Roger Simon defends Gibbs this morning, and I have no doubt he’s right when he says he believes “the president agrees with Gibbs and was neither angered nor disappointed by Gibbs’s statements, which came not in the heat of his daily briefing but in the cool of his West Wing office.

But with the public’s approval ratings of Congress at near-historic lows and not budging, it’s hard to see how this could be the fault of a couple of bloggers nobody has heard of.  More likely, it’s the result of constituencies who aren’t happy with symbolic gestures while the government’s priority is to battle for the dollars of big corporate donors.

According to Gallup, Obama’s approval ratings among Hispanics has dropped 20 points this year.  They note that “the two major drops in Hispanics’ approval of Obama this year — in February and May — coincide with two periods when the president was under fire for not doing enough to promote comprehensive immigration reform in Congress.”

As I wrote in April of this year:

Immigration just might be the issue that breaks through the White House “veal pen” strategy and forces them to deal with an issue — or risk the defection of an important part of the Democratic base in the 2010 elections.

When the White House punted on immigration reform lat year after the Sotomayor confirmation, I started asking members of Congress if they thought immigration would actually come up for a vote this year.  They all laughed, as if anyone would expect them to do something so controversial in a midterm election year.

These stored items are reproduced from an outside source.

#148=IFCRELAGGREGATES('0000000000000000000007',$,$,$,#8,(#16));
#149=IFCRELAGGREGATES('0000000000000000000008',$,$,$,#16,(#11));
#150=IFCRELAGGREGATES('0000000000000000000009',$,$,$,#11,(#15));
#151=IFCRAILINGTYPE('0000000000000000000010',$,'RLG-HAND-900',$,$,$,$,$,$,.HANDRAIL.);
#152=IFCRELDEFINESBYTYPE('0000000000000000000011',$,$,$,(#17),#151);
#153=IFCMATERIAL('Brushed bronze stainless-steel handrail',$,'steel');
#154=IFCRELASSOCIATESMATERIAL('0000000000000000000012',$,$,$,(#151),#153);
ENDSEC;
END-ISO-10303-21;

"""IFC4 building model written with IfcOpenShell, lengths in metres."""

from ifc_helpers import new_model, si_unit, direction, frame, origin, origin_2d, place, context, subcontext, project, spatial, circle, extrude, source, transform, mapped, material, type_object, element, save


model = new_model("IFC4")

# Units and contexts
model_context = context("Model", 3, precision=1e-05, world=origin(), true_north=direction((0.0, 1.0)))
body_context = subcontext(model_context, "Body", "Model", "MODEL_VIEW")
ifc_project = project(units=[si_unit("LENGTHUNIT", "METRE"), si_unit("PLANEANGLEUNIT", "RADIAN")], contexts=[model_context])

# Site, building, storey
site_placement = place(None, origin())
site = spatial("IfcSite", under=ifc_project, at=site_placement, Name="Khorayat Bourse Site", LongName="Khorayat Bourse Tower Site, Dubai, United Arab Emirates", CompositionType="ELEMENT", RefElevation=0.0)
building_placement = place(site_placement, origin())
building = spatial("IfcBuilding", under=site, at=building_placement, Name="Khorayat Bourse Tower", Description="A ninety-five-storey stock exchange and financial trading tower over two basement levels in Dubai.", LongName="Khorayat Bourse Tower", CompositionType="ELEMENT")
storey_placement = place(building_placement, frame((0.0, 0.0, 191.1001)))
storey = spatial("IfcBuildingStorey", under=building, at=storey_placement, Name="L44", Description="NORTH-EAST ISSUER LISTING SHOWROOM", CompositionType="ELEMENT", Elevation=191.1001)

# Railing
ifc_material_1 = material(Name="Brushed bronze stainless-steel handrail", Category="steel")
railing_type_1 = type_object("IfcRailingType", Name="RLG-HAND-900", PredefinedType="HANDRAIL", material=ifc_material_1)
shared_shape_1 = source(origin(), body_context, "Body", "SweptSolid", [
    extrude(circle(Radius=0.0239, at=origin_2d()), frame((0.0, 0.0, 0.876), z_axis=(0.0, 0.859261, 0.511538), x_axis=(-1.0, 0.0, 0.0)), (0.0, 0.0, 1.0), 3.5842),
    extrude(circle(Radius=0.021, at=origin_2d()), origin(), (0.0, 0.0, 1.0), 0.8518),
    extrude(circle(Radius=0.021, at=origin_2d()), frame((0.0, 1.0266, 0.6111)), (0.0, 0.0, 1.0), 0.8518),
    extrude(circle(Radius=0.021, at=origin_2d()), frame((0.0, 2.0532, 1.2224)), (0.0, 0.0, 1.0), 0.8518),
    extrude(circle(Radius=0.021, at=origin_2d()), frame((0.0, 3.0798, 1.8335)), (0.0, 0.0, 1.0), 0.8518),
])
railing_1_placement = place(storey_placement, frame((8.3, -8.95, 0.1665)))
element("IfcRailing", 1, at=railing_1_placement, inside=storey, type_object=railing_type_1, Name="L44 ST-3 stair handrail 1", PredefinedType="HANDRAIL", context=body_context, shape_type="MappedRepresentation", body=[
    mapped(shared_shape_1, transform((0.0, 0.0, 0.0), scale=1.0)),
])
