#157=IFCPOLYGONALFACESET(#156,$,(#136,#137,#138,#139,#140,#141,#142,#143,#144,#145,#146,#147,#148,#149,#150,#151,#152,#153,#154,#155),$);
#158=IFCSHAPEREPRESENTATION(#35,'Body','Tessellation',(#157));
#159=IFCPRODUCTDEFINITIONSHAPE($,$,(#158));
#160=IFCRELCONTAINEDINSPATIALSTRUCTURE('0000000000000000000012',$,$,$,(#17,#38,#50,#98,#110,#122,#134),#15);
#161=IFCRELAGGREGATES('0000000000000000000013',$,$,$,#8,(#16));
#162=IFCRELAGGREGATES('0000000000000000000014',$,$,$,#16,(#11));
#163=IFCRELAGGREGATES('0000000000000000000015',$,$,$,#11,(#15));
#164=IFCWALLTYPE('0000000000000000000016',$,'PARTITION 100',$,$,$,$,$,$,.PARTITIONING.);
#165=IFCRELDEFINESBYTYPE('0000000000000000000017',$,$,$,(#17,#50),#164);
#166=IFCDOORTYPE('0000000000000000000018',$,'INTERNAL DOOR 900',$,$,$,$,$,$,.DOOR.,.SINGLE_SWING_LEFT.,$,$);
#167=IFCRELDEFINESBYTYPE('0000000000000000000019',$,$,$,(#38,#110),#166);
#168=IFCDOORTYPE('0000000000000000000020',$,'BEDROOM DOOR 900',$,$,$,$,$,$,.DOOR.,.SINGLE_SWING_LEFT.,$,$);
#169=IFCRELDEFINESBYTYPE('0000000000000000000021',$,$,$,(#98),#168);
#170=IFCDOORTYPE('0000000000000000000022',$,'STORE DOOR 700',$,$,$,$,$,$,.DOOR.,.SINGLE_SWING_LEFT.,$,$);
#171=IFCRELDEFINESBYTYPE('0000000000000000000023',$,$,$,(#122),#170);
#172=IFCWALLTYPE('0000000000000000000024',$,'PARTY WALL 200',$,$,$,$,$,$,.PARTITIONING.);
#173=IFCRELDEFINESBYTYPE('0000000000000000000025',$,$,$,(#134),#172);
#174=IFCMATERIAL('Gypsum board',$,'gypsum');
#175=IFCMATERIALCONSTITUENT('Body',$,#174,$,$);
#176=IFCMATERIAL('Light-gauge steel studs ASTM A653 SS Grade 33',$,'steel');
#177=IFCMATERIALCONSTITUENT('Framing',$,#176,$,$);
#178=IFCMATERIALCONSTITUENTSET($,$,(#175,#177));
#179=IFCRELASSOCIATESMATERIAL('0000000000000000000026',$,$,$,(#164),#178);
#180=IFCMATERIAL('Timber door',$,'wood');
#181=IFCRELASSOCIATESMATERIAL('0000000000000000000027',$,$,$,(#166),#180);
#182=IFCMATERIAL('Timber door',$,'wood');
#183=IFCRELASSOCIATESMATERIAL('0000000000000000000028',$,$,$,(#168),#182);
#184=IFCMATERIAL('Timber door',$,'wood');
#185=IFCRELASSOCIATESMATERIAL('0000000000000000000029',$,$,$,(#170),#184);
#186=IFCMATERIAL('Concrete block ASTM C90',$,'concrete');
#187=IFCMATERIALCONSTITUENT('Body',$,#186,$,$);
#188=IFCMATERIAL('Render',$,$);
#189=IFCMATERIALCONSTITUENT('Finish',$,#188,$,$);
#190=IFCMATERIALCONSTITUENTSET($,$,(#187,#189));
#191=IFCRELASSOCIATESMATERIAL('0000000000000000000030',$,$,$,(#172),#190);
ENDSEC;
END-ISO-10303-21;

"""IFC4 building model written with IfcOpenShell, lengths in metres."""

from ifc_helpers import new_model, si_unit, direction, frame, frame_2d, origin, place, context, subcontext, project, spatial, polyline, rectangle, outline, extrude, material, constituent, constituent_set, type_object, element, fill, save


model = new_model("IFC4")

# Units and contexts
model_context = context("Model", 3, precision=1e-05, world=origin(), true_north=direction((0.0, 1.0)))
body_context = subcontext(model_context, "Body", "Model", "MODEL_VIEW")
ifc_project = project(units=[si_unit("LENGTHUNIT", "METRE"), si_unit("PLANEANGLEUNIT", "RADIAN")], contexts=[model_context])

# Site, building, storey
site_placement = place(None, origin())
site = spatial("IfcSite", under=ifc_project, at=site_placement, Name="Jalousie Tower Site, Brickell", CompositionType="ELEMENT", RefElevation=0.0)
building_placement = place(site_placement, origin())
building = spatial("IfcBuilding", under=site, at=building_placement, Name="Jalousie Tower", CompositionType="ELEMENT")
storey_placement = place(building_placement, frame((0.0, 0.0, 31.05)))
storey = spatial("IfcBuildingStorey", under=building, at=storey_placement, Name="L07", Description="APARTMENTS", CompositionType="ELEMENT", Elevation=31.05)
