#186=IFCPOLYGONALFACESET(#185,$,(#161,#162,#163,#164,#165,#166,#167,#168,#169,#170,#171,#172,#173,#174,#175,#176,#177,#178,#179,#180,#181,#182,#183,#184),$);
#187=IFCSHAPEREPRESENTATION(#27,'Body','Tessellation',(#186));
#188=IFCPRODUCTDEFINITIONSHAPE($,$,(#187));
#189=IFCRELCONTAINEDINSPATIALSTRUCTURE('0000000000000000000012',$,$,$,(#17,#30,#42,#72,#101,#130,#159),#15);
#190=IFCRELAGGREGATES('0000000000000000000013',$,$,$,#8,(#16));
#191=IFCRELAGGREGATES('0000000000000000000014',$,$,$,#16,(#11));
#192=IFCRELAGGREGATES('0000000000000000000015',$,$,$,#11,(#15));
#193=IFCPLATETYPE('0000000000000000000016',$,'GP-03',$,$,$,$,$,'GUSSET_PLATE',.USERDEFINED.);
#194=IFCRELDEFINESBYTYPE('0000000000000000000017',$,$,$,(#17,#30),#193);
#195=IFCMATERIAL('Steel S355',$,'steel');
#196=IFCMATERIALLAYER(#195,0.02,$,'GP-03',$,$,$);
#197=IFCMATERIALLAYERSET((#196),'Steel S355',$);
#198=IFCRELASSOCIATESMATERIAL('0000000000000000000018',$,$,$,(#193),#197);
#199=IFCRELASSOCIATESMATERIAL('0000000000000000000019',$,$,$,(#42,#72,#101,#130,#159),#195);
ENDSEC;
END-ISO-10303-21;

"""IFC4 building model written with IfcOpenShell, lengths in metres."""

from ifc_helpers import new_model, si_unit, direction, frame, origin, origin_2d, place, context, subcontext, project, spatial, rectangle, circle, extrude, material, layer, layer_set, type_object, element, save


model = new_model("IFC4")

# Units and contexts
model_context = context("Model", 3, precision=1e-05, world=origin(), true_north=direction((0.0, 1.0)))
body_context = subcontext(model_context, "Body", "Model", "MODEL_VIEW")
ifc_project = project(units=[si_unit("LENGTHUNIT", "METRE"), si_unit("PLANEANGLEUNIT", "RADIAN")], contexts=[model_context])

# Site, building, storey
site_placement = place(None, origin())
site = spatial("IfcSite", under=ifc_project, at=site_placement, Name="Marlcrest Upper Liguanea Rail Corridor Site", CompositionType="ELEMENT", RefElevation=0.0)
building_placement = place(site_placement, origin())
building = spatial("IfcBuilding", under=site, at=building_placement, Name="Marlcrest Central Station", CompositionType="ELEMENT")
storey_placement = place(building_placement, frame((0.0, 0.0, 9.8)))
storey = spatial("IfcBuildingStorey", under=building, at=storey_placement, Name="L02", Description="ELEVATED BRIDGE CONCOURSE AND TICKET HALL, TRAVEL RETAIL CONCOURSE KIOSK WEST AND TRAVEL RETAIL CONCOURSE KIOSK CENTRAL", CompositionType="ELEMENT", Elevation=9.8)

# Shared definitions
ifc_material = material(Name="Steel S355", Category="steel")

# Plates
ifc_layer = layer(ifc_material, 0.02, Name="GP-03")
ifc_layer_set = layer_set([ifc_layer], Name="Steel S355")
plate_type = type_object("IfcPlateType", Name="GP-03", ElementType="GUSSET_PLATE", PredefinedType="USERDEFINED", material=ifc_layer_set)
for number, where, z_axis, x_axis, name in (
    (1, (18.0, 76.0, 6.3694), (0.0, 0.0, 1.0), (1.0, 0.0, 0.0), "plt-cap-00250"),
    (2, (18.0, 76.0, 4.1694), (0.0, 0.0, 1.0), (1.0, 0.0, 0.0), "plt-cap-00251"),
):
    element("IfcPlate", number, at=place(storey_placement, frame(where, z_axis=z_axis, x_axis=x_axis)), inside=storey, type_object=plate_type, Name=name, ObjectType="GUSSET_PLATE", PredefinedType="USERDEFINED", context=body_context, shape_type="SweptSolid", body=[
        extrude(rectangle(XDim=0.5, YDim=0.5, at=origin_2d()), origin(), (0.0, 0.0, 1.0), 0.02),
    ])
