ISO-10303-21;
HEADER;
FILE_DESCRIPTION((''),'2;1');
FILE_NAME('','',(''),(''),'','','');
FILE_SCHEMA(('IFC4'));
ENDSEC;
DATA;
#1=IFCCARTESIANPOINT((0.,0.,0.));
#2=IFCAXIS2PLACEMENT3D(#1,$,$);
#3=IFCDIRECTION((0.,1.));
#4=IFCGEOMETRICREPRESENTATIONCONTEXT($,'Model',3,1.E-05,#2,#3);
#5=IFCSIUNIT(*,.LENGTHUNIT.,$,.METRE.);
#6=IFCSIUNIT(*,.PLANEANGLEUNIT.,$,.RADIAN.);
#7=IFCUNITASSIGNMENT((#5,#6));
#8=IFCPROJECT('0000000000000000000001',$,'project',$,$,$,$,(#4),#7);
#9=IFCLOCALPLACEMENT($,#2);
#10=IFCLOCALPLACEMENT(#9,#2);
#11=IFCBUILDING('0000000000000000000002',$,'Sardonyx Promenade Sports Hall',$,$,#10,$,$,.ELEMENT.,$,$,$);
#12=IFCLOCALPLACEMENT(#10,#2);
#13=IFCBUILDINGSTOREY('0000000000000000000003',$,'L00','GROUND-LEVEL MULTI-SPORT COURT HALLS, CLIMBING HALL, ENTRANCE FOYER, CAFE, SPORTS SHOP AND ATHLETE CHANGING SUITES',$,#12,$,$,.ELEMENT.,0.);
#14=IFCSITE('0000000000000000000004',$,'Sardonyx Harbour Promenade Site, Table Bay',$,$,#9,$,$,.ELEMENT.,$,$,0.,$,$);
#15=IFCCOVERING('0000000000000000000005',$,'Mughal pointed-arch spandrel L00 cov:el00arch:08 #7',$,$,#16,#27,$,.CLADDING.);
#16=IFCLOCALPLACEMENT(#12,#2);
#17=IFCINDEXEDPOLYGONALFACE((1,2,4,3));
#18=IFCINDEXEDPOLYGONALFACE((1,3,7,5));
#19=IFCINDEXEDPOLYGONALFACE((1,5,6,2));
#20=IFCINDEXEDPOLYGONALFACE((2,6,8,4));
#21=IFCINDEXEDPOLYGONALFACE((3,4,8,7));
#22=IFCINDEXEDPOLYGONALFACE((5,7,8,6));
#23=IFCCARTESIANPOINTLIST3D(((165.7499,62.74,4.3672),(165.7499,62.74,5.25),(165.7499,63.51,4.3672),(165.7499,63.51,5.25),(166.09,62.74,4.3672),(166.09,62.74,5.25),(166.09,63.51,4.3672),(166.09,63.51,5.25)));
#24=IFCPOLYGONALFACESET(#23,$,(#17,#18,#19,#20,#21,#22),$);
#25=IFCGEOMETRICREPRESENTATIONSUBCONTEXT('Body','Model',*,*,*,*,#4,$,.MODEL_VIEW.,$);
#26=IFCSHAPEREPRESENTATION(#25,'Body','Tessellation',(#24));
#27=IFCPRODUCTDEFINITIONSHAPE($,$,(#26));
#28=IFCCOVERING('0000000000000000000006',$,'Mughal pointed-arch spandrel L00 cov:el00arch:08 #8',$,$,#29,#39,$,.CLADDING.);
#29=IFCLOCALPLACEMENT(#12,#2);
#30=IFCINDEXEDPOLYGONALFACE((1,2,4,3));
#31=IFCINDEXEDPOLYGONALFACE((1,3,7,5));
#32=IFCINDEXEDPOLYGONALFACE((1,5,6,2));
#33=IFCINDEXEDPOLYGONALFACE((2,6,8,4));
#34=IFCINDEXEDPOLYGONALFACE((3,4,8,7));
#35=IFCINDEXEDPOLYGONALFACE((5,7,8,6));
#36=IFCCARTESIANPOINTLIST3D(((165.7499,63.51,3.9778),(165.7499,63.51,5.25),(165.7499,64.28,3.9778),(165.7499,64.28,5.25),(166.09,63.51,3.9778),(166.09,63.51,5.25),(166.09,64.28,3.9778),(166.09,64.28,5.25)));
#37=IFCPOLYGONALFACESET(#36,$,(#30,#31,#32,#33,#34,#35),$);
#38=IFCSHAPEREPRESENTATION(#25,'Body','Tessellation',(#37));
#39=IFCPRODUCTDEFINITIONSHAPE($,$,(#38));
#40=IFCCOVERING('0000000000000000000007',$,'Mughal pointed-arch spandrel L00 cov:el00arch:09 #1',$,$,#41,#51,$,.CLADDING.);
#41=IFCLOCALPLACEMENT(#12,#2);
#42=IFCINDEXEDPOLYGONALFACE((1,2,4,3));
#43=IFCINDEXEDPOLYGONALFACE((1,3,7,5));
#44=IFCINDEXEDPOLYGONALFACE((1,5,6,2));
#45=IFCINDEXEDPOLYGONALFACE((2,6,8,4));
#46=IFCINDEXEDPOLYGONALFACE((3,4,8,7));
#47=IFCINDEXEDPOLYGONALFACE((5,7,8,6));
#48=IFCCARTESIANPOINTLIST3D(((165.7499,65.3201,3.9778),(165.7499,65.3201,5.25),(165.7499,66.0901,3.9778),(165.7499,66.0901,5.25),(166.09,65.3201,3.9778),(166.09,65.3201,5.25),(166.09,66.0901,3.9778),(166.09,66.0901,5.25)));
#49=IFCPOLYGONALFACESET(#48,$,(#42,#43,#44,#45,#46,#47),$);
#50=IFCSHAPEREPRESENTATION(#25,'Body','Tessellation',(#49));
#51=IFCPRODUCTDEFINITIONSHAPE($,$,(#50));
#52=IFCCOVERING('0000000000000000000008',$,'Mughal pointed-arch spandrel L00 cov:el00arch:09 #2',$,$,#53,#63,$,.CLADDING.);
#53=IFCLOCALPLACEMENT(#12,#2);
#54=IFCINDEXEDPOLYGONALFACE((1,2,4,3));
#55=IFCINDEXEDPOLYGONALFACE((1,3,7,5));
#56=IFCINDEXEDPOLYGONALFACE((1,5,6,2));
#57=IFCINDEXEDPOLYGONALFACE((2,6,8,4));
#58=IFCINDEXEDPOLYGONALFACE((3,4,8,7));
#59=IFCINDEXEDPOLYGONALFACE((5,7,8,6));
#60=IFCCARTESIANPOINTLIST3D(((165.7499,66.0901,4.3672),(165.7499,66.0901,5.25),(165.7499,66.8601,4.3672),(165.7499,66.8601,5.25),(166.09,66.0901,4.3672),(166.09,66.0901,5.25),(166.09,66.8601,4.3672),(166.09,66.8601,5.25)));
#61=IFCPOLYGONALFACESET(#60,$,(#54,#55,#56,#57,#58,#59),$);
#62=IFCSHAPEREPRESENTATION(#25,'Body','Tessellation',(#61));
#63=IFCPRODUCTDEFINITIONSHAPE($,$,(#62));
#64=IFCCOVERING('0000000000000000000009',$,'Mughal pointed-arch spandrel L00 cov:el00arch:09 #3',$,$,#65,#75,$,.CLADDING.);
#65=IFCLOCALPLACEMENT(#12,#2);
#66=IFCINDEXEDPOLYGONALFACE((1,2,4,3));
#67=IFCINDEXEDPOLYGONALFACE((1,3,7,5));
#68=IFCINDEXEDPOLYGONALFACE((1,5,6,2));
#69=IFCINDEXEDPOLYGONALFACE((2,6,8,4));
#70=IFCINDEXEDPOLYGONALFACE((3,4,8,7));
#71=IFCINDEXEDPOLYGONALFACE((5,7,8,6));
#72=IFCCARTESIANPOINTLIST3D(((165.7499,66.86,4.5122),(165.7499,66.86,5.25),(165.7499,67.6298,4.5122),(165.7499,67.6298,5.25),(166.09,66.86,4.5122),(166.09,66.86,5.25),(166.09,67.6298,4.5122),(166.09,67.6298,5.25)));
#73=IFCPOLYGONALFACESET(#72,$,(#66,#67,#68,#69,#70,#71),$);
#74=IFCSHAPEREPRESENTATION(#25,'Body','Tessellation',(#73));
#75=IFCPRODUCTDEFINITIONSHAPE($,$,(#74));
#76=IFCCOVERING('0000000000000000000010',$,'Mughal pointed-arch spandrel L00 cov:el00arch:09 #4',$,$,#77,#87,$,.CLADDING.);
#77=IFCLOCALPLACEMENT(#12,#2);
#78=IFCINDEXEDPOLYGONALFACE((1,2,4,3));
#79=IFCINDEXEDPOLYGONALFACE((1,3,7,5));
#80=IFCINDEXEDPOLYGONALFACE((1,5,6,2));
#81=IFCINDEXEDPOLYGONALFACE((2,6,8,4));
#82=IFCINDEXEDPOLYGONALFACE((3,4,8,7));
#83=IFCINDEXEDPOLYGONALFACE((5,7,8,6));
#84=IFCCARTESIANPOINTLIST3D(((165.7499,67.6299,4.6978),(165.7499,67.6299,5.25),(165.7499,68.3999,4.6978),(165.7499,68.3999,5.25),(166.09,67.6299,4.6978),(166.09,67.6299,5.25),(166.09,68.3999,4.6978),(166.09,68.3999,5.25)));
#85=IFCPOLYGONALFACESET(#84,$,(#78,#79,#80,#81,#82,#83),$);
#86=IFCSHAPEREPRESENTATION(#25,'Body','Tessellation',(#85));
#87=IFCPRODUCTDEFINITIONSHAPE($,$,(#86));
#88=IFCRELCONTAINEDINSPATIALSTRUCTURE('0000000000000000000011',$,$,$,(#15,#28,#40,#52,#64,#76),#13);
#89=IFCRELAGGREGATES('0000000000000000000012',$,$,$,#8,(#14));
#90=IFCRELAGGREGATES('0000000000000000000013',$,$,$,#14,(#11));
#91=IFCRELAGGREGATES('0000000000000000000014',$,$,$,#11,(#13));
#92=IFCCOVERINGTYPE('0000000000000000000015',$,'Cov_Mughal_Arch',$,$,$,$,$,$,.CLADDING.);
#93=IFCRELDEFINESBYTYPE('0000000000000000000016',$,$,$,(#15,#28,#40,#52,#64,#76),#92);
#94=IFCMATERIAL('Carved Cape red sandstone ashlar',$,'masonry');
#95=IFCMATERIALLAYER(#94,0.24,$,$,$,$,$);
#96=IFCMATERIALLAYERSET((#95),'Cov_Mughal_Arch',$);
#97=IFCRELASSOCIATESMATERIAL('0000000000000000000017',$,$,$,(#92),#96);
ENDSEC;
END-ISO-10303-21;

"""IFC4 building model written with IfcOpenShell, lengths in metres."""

from ifc_helpers import new_model, si_unit, direction, frame, frame_2d, origin, place, context, subcontext, project, spatial, rectangle, extrude, material, layer, layer_set, type_object, element, save


model = new_model("IFC4")

# Units and contexts
model_context = context("Model", 3, precision=1e-05, world=origin(), true_north=direction((0.0, 1.0)))
body_context = subcontext(model_context, "Body", "Model", "MODEL_VIEW")
ifc_project = project(units=[si_unit("LENGTHUNIT", "METRE"), si_unit("PLANEANGLEUNIT", "RADIAN")], contexts=[model_context])

# Site, building, storey
site_placement = place(None, origin())
site = spatial("IfcSite", under=ifc_project, at=site_placement, Name="Sardonyx Harbour Promenade Site, Table Bay", CompositionType="ELEMENT", RefElevation=0.0)
building_placement = place(site_placement, origin())
building = spatial("IfcBuilding", under=site, at=building_placement, Name="Sardonyx Promenade Sports Hall", CompositionType="ELEMENT")
storey_placement = place(building_placement, origin())
storey = spatial("IfcBuildingStorey", under=building, at=storey_placement, Name="L00", Description="GROUND-LEVEL MULTI-SPORT COURT HALLS, CLIMBING HALL, ENTRANCE FOYER, CAFE, SPORTS SHOP AND ATHLETE CHANGING SUITES", CompositionType="ELEMENT", Elevation=0.0)

# Coverings
ifc_material_1 = material(Name="Carved Cape red sandstone ashlar", Category="masonry")
ifc_layer_1 = layer(ifc_material_1, 0.24)
ifc_layer_set_1 = layer_set([ifc_layer_1], Name="Cov_Mughal_Arch")
covering_type_1 = type_object("IfcCoveringType", Name="Cov_Mughal_Arch", PredefinedType="CLADDING", material=ifc_layer_set_1)
covering_1_placement = place(storey_placement, frame((165.9199, 62.74, 4.3672), z_axis=(0.0, 0.0, 1.0), x_axis=(0.0, 1.0, 0.0)))
element("IfcCovering", 1, at=covering_1_placement, inside=storey, type_object=covering_type_1, Name="Mughal pointed-arch spandrel L00 cov:el00arch:08 #7", PredefinedType="CLADDING", context=body_context, shape_type="SweptSolid", body=[
    extrude(rectangle(XDim=0.77, YDim=0.3401, at=frame_2d((0.385, 0.0))), origin(), (0.0, 0.0, 1.0), 0.8828),
])
for number, where, z_axis, x_axis, name in (
    (2, (165.9199, 63.51, 3.9778), (0.0, 0.0, 1.0), (0.0, 1.0, 0.0), "Mughal pointed-arch spandrel L00 cov:el00arch:08 #8"),
    (3, (165.9199, 65.3201, 3.9778), (0.0, 0.0, 1.0), (0.0, 1.0, 0.0), "Mughal pointed-arch spandrel L00 cov:el00arch:09 #1"),
):
    element("IfcCovering", number, at=place(storey_placement, frame(where, z_axis=z_axis, x_axis=x_axis)), inside=storey, type_object=covering_type_1, Name=name, PredefinedType="CLADDING", context=body_context, shape_type="SweptSolid", body=[
        extrude(rectangle(XDim=0.77, YDim=0.3401, at=frame_2d((0.385, 0.0))), origin(), (0.0, 0.0, 1.0), 1.2722),
    ])
covering_2_placement = place(storey_placement, frame((165.9199, 66.0901, 4.3672), z_axis=(0.0, 0.0, 1.0), x_axis=(0.0, 1.0, 0.0)))
element("IfcCovering", 4, at=covering_2_placement, inside=storey, type_object=covering_type_1, Name="Mughal pointed-arch spandrel L00 cov:el00arch:09 #2", PredefinedType="CLADDING", context=body_context, shape_type="SweptSolid", body=[
    extrude(rectangle(XDim=0.77, YDim=0.3401, at=frame_2d((0.385, 0.0))), origin(), (0.0, 0.0, 1.0), 0.8828),
])
covering_3_placement = place(storey_placement, frame((165.9199, 66.8601, 4.5122), z_axis=(0.0, 0.0, 1.0), x_axis=(0.0, 1.0, 0.0)))
element("IfcCovering", 5, at=covering_3_placement, inside=storey, type_object=covering_type_1, Name="Mughal pointed-arch spandrel L00 cov:el00arch:09 #3", PredefinedType="CLADDING", context=body_context, shape_type="SweptSolid", body=[
    extrude(rectangle(XDim=0.7698, YDim=0.3401, at=frame_2d((0.3848, 0.0))), origin(), (0.0, 0.0, 1.0), 0.7378),
])
covering_4_placement = place(storey_placement, frame((165.9199, 67.6299, 4.6978), z_axis=(0.0, 0.0, 1.0), x_axis=(0.0, 1.0, 0.0)))
element("IfcCovering", 6, at=covering_4_placement, inside=storey, type_object=covering_type_1, Name="Mughal pointed-arch spandrel L00 cov:el00arch:09 #4", PredefinedType="CLADDING", context=body_context, shape_type="SweptSolid", body=[
    extrude(rectangle(XDim=0.77, YDim=0.3401, at=frame_2d((0.385, 0.0))), origin(), (0.0, 0.0, 1.0), 0.5522),
])

save(model, "model.ifc")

But even before the Arizona law was passed, the standard White House strategy for quelling liberal discontent was already at risk of failure.  Captivating community validators, engaging in symbolic gestures and then blaming the GOP for their inability to carry them out has worked well on issues like health care, choice and LGBT rights, but there were signs that those who care about immigration reform were not going to be so easily pacified.

Nobody believed that Luis Gutierrez was actually going to tell Hispanic voters to stay away from the polls in 2010, but the fact that he was already threatening to go nuclear was a sign of the pressure he was already feeling from his constituents.

The Democrats are now on an all-out crusade to blame the Republicans for blocking comprehensive immigration reform.  But the truth is, they couldn’t get their own caucus to support it.  As Jonathan Martin wrote, “[F]or Democrats to pass immigration reform before November, party leaders would have to force members from conservative-leaning districts to cast yet another tough vote that could raise the ire of swing voters.”  There was no way that was going to happen.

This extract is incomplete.